So I look for things such as how far the rib meat has pulled back (shrunk) from the rib bone tips, a mechanical via gloved finger & thumb "wiggle" resistance test on exposed bone tips, whether I see cracking along any of the meat surface, and other such things. Some folks use a "bend test", I dont because when I cook pork ribs I typically purchase either St. Louis Cut pork spare ribs or pork loin back ribs (aka baby back ribs). I cut these (vertically) into half racks, stand them vertically in metal rib racks, and cook them in one of my vertical bullet style smokers. So removing these portions from the metal rib racks and putting them back in if nt done is impractical for me, and a bend test is less reliable on racks cut in half. My approach is more efficient and easier (lazier) than cookng these in one of my offset smokers. I'll use one of my offset smokers if I purchase full size spare ribs. For those, I may include a bend test.

Ther are some thinner electronic temperature probes, both in handheld and remote probe models, that may be more suitable fpr usong pork rib IT information. I don't see value in my cooking as for one thing as-purchased meat thickness across slabs of ribs I purchase isn't uniform from one side to another, and I don't see value in trying to trim them to a uniform thickness. Other folks who cook to compete may have a different perspective and experience base. To me, I accept the fact that the sections with thinner meat may be ready to remove from the heat a bit earlier than sections with thicker meat. I compensate enough for my purposes by grouping the thicker half racks of pork ribs together in one metal rib rack, and similar for the thinner half racks of pork ribs. I'll put the thicker pieces on the lower food grate and the thinner pieces on the upper food grate in one of my vertical style smokers. For full size racks of pork ribs in one of my offset smokers, I compensate by rotating these racks that are laying horizontally on the food grates during the cook session.

End piece ribs ate what they are, and I'll eat them even if they're slightly more done, or a bit dry, than my wife likes in order to get the majority of the other ribs in a good zone. Especially when I reheat ribs as leftovers, I can somewhat braise those crisper end ribs while reheating them.

So now you have info not only how, but also why, I use different approaches in different situations. It's long winded but I think it's necessary for a more comprehensive understanding.

As always, YMMV.


----------



## bmericle11 (Dec 30, 2021)

Meant to post this earlier in the thread. But I have never been happier to receive coal for a Christmas gift lol


----------



## Mr. Zorg (Dec 31, 2021)

bmericle11 said:


> Meant to post this earlier in the thread. But I have never been happier to receive coal for a Christmas gift lol


Congratulations! If you aren't already aware, here's a website with reviews of many different brands of lump charcoal. The author has a set of protocols he follows, and his focus is primarily for use in ceramic kamado style cookers. You can also see ratings & comments from end users.
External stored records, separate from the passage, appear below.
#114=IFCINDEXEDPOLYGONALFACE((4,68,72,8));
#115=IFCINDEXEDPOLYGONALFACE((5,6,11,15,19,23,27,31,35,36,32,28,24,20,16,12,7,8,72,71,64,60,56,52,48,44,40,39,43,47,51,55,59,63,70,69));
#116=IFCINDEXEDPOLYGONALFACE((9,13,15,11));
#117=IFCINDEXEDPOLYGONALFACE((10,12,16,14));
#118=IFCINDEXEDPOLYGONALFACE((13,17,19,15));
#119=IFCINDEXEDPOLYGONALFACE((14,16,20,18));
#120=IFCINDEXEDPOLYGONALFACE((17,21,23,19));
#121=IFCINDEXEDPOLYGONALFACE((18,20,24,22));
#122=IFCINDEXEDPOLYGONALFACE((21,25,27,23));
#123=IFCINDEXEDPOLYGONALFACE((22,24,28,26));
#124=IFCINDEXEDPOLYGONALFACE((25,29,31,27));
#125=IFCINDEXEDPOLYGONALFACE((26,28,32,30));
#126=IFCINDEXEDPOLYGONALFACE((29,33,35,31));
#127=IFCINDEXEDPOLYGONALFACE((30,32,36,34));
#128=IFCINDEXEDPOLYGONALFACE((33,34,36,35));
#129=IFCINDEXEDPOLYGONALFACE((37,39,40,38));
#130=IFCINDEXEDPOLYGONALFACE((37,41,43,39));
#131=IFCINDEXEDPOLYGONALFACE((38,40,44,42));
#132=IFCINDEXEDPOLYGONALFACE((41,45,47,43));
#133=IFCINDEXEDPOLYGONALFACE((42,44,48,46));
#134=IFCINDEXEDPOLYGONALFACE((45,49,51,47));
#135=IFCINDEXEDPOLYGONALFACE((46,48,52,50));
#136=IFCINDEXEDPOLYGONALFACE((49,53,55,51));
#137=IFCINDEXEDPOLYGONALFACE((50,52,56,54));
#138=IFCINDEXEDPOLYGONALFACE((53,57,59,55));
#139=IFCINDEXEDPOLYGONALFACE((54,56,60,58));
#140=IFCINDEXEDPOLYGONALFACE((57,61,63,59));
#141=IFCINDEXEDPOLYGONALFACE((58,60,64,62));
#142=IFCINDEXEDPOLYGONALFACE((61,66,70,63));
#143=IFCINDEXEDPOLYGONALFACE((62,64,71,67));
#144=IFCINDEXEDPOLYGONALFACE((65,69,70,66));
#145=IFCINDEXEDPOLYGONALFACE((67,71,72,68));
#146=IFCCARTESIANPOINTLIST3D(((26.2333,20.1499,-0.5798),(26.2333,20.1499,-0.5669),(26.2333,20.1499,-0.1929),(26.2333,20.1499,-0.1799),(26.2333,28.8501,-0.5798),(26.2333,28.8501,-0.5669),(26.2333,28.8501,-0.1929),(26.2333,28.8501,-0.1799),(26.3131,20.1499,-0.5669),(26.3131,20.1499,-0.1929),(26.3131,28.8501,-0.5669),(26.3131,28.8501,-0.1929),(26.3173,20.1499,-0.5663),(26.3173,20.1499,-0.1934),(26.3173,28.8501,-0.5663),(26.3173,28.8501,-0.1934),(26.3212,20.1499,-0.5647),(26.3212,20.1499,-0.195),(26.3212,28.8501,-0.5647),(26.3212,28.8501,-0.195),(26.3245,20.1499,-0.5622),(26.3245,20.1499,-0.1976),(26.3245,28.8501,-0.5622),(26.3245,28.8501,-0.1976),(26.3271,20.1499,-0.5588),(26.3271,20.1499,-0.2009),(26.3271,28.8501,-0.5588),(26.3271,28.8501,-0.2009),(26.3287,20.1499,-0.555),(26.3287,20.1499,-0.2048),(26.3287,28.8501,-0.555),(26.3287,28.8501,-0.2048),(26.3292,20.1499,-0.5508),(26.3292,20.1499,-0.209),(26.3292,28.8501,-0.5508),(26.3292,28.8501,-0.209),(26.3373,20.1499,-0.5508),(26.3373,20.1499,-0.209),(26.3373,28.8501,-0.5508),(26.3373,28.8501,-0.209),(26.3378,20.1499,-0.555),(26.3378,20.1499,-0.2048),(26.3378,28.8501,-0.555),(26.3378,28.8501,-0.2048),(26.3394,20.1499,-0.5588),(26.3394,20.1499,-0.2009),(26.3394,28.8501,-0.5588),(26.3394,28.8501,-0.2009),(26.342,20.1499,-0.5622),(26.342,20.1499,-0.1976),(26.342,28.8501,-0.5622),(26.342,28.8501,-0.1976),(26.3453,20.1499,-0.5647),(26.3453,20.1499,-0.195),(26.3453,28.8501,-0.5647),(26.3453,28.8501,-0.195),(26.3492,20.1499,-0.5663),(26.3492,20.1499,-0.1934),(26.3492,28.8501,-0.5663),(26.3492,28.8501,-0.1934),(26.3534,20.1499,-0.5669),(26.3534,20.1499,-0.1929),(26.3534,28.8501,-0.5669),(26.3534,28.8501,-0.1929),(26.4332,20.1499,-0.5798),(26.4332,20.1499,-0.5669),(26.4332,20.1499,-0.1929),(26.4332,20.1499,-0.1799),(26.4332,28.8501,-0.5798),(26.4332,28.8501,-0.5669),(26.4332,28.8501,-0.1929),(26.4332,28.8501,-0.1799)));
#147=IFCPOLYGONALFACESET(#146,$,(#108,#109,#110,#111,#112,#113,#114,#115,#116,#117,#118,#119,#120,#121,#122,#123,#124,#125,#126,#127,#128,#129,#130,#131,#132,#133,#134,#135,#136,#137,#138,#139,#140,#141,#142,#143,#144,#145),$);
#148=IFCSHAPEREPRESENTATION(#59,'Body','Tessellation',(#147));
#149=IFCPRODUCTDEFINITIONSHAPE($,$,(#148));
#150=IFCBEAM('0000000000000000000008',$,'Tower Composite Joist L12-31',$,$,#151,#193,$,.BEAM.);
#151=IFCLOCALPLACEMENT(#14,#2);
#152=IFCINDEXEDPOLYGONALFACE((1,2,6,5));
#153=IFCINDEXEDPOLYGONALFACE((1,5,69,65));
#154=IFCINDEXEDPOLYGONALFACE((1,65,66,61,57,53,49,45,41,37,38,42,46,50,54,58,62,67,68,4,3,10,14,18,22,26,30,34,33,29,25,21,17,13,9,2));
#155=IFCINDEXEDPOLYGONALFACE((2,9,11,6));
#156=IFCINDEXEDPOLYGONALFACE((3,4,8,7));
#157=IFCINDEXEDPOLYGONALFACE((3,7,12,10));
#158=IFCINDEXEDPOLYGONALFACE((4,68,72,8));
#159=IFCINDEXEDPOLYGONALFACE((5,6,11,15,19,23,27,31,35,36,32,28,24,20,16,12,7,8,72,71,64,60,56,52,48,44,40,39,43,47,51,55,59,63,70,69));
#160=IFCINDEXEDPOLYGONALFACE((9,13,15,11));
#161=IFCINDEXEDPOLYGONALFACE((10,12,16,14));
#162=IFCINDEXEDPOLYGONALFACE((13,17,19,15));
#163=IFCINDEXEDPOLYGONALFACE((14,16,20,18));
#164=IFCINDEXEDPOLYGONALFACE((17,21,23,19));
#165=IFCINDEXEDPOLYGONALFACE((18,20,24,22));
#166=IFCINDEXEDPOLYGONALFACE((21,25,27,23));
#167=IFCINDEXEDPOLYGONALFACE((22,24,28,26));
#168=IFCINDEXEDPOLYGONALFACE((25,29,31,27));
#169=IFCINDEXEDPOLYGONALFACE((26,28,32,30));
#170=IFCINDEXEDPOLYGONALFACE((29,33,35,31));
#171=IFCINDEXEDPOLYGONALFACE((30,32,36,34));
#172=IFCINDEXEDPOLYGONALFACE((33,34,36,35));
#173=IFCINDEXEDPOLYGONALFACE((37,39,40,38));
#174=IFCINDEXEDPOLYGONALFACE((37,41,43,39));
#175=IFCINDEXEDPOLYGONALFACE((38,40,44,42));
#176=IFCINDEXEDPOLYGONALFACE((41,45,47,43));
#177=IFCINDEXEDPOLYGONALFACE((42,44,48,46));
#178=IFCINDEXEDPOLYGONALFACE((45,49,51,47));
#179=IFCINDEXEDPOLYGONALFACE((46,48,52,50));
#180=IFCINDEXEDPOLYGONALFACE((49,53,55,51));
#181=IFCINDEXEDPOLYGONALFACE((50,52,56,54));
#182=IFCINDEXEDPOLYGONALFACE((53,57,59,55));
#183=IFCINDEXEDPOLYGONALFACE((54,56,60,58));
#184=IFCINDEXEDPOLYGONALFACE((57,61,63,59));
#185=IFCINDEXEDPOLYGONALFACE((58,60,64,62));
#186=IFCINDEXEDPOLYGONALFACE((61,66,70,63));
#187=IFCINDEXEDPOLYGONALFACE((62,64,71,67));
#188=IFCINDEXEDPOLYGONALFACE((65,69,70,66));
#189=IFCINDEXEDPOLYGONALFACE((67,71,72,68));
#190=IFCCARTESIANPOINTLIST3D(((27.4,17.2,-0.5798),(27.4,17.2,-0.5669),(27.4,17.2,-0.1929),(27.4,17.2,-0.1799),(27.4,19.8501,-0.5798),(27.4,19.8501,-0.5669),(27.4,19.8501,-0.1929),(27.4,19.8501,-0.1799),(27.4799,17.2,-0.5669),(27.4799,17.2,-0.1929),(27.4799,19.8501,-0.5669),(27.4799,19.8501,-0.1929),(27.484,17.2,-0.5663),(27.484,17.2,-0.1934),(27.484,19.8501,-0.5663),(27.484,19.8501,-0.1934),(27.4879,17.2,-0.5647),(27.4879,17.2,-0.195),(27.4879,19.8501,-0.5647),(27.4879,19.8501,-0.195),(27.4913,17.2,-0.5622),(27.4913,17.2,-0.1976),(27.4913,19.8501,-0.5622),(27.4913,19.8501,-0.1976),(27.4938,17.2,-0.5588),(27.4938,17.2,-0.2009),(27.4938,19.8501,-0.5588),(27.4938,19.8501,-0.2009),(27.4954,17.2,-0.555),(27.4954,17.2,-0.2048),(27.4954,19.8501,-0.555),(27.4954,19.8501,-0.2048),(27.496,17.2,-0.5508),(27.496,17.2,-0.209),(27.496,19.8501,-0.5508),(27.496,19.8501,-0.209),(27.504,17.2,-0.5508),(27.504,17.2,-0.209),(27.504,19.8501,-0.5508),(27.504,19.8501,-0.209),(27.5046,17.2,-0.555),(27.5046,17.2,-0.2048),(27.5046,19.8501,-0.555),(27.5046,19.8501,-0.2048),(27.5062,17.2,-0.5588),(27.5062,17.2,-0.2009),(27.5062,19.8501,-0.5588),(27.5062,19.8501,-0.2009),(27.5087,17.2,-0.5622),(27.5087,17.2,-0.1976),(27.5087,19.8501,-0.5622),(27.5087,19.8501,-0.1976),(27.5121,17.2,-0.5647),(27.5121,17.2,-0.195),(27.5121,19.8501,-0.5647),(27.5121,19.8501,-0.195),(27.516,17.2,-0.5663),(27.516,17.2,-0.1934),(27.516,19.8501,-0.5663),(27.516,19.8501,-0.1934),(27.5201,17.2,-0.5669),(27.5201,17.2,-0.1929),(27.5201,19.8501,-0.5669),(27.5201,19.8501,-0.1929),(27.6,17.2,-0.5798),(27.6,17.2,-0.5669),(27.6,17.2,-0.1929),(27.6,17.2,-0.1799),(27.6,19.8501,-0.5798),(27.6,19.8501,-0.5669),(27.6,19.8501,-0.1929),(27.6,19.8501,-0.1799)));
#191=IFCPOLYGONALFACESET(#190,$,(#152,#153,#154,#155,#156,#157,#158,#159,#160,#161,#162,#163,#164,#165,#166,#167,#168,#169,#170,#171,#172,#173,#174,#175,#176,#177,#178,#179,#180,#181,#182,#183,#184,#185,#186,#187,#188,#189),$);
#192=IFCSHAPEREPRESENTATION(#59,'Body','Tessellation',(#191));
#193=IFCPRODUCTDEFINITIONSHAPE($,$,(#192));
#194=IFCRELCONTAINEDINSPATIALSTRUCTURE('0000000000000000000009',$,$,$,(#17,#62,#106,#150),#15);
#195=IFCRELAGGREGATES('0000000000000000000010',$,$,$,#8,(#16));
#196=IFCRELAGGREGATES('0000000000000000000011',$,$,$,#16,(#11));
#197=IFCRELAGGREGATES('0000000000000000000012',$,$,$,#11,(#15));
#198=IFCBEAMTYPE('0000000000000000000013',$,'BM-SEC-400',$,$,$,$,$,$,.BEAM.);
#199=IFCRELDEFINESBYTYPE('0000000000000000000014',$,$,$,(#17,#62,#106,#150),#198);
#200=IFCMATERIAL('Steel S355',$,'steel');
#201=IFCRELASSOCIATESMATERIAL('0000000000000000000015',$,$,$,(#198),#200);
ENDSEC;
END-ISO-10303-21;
Many of these offerings no longer exist in the marketplace, others haven't been updated in over 10 years despite country of origin, and brand owner, having changed (Frontier brand for example). I don't agree with all his findings, but I've never owned a ceramic style cooker.

Despite the site name / owner username, it has nothing to do with nudity. Anyway it is what it is.
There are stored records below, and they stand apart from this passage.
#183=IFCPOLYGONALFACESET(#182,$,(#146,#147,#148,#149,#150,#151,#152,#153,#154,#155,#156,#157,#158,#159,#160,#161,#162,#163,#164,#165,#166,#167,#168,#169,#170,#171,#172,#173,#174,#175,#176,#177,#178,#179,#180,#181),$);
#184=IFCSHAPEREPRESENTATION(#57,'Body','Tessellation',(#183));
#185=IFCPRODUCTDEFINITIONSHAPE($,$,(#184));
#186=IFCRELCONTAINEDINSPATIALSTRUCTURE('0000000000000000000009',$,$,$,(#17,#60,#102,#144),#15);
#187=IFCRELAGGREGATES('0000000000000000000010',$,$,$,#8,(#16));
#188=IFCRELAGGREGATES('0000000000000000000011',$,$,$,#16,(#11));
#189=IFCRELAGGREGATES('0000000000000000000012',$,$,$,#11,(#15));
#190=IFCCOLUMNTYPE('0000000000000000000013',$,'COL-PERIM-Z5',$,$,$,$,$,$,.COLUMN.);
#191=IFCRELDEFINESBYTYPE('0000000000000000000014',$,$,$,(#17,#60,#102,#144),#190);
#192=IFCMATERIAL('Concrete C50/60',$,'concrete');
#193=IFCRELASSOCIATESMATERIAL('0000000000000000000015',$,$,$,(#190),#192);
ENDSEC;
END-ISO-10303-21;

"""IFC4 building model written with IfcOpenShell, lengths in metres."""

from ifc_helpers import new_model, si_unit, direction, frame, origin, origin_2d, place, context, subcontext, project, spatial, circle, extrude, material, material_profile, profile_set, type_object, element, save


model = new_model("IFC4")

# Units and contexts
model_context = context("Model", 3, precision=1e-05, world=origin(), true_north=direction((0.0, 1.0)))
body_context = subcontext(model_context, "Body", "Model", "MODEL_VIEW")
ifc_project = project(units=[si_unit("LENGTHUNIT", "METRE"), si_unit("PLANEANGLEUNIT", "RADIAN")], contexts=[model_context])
						The Lump Charcoal Database -- Naked Whiz Charcoal Ceramic Cooking
					

Reviews of many brands of lump charcoal, with viewer ratings.



					www.nakedwhiz.com
				




In my prior post, I don't want to come across as never using electronic temperature probes. I used a Maverick ET-732 for years and I now use a FireBoard 2 with WiFi connectivity., when the circumstances favor it's use (e.g. not when I'm cooking pork ribs).

My analogy is the cook chamber temperature is similar to a speedometer telling you how fast you're traveling to your destination. The meat IT is like an odometer telling you how close you're getting to your destination. For poultry, it also allows you to know when you reached your destination.


----------